The Presidential Library reveals unknown facts about Peter I’s life

11 March 2022

Today the Presidential Library’s electronic collections contain more than a million depository items. They are unique publications, archival documents, official biographies of prominent statesmen, including decrees, letters and notes of Peter I. This year marks the 350th anniversary of the birth of the first Russian emperor. There are also funny episodes among the memories of him.

Bread and radish are sweeter than luxury meals

“When Peter arrived in the capital of France, Paris, during his trip abroad, the chambers of the deceased queen were prepared for him, and a table was set for 60 people in the dining room, - historian Iosif Senigov reported in the book Tsar, Worker and Teacher (1915) - Peter did not like all this richness and splendor; he asked for bread and radishes, he was eating, tasting wine, drinking beer and went out, ordering him to go to another place; where is faster. We arrived at the house of a noble person; a servant came forward with a candle. Peter took a candle, examined the bedroom and was again dissatisfied with the front bed: he ordered to put his camp bed in a small room and lay down to sleep there.

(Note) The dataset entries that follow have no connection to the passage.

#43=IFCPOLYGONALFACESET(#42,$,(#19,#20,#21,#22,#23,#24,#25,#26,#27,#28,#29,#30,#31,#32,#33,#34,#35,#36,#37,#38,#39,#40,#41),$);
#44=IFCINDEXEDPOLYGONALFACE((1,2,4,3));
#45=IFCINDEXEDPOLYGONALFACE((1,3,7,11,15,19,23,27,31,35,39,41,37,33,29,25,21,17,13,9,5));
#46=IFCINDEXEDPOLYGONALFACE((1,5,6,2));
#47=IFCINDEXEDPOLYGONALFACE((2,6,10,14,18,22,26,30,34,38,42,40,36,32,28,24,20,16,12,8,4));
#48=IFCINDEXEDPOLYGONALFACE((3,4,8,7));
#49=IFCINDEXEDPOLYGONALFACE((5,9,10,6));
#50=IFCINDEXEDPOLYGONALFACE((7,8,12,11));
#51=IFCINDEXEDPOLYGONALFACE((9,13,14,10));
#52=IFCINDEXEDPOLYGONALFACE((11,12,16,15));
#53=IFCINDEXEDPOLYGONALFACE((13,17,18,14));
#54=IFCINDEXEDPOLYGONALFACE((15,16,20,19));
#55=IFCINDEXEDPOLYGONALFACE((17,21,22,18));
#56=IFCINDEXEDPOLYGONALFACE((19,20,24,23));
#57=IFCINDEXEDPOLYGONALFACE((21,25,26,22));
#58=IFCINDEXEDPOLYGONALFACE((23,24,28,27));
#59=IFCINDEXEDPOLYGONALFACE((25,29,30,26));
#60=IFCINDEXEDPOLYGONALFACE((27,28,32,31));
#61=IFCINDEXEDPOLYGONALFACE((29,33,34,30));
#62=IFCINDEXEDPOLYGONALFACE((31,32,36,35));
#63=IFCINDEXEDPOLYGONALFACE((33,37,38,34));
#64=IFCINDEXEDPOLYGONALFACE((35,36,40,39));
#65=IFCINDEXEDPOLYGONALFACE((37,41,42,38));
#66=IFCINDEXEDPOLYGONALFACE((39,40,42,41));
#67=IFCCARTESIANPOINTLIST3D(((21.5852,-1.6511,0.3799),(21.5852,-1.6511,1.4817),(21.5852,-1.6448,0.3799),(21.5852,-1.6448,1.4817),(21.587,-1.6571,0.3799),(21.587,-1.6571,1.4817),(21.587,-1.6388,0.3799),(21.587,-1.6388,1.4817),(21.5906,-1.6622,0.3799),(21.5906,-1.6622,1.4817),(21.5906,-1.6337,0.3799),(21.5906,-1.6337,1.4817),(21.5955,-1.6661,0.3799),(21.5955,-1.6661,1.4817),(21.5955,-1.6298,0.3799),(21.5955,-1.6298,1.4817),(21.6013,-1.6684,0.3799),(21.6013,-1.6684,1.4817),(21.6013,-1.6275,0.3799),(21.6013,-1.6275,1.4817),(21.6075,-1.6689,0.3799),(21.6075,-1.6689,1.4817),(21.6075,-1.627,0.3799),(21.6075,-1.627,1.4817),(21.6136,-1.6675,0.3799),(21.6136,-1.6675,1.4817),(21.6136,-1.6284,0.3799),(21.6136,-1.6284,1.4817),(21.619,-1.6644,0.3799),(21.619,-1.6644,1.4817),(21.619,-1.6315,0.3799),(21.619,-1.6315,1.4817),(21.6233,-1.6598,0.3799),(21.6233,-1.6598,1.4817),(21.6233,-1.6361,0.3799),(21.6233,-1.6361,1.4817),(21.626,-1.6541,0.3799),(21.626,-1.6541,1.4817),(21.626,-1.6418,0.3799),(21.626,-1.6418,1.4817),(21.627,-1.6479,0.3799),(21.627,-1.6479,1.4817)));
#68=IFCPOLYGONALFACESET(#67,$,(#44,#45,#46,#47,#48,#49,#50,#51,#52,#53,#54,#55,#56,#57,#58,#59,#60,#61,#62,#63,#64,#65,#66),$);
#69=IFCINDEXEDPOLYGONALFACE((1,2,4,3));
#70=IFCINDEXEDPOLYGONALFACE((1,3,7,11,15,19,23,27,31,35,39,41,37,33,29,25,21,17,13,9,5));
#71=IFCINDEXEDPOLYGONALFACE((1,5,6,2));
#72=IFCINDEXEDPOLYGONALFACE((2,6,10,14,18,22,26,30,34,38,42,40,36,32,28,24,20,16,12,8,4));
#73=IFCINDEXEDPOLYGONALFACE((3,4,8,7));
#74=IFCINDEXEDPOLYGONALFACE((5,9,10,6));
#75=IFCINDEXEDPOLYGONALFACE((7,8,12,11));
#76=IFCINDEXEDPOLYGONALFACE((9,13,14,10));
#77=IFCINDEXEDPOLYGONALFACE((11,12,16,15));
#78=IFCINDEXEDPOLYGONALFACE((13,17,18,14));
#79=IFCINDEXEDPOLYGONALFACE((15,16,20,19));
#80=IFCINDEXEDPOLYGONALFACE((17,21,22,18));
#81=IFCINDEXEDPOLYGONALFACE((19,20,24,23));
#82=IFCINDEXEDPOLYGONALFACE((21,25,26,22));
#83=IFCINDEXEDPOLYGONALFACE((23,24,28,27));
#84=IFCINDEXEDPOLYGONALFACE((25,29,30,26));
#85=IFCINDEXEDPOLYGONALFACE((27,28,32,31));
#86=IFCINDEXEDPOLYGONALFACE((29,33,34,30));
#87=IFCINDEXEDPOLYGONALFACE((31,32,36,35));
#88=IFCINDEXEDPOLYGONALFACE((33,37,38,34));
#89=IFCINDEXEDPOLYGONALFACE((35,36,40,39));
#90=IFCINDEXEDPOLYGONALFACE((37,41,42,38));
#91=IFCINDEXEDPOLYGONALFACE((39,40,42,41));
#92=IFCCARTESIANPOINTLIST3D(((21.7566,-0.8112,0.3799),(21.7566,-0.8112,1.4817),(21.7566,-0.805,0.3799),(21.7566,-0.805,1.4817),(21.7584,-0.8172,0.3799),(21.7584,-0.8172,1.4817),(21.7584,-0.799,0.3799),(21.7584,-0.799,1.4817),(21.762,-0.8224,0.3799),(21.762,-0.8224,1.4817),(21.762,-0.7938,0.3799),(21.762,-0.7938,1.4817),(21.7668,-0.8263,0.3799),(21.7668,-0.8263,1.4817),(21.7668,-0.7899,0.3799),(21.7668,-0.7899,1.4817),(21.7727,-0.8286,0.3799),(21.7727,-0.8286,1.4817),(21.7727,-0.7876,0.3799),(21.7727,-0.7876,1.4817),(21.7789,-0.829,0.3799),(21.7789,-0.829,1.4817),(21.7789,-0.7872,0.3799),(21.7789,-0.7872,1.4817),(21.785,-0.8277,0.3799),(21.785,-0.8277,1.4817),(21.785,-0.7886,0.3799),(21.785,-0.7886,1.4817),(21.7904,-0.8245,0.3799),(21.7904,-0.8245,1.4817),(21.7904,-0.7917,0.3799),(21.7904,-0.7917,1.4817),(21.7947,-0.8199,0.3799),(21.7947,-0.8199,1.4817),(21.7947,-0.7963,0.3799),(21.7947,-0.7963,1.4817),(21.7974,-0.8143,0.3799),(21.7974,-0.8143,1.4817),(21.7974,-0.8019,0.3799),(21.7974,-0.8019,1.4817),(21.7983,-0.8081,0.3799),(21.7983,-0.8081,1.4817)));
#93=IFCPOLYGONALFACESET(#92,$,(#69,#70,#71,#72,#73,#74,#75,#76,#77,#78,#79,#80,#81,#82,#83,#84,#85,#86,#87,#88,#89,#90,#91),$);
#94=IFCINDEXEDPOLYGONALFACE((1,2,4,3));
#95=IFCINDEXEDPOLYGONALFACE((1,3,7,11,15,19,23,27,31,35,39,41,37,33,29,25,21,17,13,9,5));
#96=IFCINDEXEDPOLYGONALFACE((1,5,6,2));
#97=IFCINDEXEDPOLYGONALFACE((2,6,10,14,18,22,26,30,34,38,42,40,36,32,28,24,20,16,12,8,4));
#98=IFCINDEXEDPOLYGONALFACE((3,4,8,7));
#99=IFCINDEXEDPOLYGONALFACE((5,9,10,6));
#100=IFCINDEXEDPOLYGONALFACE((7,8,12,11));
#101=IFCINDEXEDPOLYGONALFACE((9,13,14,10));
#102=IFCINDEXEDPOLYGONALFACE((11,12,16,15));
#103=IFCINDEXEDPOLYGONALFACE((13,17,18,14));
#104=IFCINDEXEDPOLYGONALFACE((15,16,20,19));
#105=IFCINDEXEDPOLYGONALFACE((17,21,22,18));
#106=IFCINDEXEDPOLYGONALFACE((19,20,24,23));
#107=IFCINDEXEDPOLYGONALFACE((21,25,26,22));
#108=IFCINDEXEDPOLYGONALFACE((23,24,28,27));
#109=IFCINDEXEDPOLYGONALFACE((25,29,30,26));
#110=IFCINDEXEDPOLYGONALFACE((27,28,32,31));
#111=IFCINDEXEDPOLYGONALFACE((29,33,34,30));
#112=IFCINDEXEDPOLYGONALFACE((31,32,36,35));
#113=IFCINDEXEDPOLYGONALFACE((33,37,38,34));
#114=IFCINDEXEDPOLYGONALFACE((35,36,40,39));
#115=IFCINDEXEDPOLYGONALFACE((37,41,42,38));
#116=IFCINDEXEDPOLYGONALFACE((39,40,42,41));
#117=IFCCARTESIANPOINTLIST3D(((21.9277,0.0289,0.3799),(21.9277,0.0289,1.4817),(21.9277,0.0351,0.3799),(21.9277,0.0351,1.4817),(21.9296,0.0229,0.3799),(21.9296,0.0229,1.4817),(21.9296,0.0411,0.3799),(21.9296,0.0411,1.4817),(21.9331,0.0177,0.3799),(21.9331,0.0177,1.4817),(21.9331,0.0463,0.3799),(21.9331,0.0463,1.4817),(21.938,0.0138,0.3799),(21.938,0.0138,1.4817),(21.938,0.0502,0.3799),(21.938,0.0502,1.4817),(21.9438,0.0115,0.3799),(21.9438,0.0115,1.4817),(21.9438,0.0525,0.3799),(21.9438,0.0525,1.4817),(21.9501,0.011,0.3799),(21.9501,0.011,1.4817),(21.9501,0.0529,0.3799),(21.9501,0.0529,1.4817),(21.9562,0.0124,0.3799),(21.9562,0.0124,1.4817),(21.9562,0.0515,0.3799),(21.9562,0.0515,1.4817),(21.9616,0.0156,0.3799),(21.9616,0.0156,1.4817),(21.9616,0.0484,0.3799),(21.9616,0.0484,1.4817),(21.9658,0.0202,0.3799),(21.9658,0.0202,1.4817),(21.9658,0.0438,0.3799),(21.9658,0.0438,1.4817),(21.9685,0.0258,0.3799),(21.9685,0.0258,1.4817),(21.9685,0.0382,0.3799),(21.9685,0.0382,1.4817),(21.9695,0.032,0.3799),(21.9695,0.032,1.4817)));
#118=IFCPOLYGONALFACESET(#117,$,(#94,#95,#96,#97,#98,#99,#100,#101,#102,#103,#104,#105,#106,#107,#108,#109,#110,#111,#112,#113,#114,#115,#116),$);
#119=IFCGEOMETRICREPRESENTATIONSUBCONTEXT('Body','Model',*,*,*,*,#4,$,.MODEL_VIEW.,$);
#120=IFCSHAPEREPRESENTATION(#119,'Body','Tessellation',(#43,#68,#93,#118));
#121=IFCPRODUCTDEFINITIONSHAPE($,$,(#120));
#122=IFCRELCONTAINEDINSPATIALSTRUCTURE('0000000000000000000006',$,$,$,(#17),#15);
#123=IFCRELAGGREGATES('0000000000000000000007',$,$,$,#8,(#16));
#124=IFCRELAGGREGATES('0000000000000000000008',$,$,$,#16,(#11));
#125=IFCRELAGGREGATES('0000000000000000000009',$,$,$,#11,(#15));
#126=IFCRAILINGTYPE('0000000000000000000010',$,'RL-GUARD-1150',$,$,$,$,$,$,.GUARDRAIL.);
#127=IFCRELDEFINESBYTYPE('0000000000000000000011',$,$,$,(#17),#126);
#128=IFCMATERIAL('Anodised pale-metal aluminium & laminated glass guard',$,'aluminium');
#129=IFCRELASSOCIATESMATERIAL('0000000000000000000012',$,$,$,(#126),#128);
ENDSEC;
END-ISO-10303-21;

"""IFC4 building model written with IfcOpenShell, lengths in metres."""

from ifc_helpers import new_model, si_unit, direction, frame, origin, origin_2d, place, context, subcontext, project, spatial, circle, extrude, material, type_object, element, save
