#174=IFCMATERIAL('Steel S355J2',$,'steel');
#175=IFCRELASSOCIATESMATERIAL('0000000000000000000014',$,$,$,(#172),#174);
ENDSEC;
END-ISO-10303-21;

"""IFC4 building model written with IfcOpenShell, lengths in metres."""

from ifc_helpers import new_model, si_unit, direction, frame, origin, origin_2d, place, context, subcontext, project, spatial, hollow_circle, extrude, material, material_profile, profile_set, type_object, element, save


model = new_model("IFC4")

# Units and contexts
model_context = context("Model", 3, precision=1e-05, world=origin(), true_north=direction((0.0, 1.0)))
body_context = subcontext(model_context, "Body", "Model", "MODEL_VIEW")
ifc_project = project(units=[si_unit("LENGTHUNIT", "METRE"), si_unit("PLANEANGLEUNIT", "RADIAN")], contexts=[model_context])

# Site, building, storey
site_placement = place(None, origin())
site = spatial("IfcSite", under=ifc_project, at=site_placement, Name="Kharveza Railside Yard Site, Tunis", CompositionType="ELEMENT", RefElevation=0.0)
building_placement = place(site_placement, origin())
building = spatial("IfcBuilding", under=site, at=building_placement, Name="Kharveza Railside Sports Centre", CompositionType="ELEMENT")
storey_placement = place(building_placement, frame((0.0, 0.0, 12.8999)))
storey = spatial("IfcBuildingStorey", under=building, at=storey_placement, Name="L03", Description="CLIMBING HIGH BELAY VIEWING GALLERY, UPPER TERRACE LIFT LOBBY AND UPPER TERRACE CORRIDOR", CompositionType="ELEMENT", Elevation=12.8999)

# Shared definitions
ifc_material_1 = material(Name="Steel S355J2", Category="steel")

How the tsar earned his shoes

“Peter I, the builder of all good things in Russia”, according to the memoirist Jakob von Stehlin in his book “Genuine Anecdotes about Peter the Great” (1793), visited all the factories, including Miller’s iron factory. On that trip, the emperor “besides his State affairs, set time for himself not only to carefully examine everything and learn everything, but also to work himself when cooking and forging iron in order to learn how to forge strips”. And as a result, “he forged 18 pounds of iron with his own hands, and branded each strip with his brand: moreover, the court junkers and boyars who were with him had to carry coals, put them in the furnace, blow with furs and send other work with His Majesty”. After that, Peter asked the owner of the plant, Werner Miller, “how much does the master get for forging a pood of flat iron? One altyn, answered Miller. Well, the Tsar continued, so I deserved 18 altyns, and I have the right to demand them from you. Miller went to the money box and brought 18 chervonets with the words - such an employee as Your Majesty cannot be paid less for a pood. To which the tsar replied: “Take your gold pieces; I worked no better than other craftsmen, pay Me what you usually pay other craftsmen, then I will buy new shoes that have been trampled again; took 18 altyns, went to the ranks and actually bought new shoes with them, which He often showed in meetings while on his feet, and, moreover, he usually used to say: I worked them out with corn myself.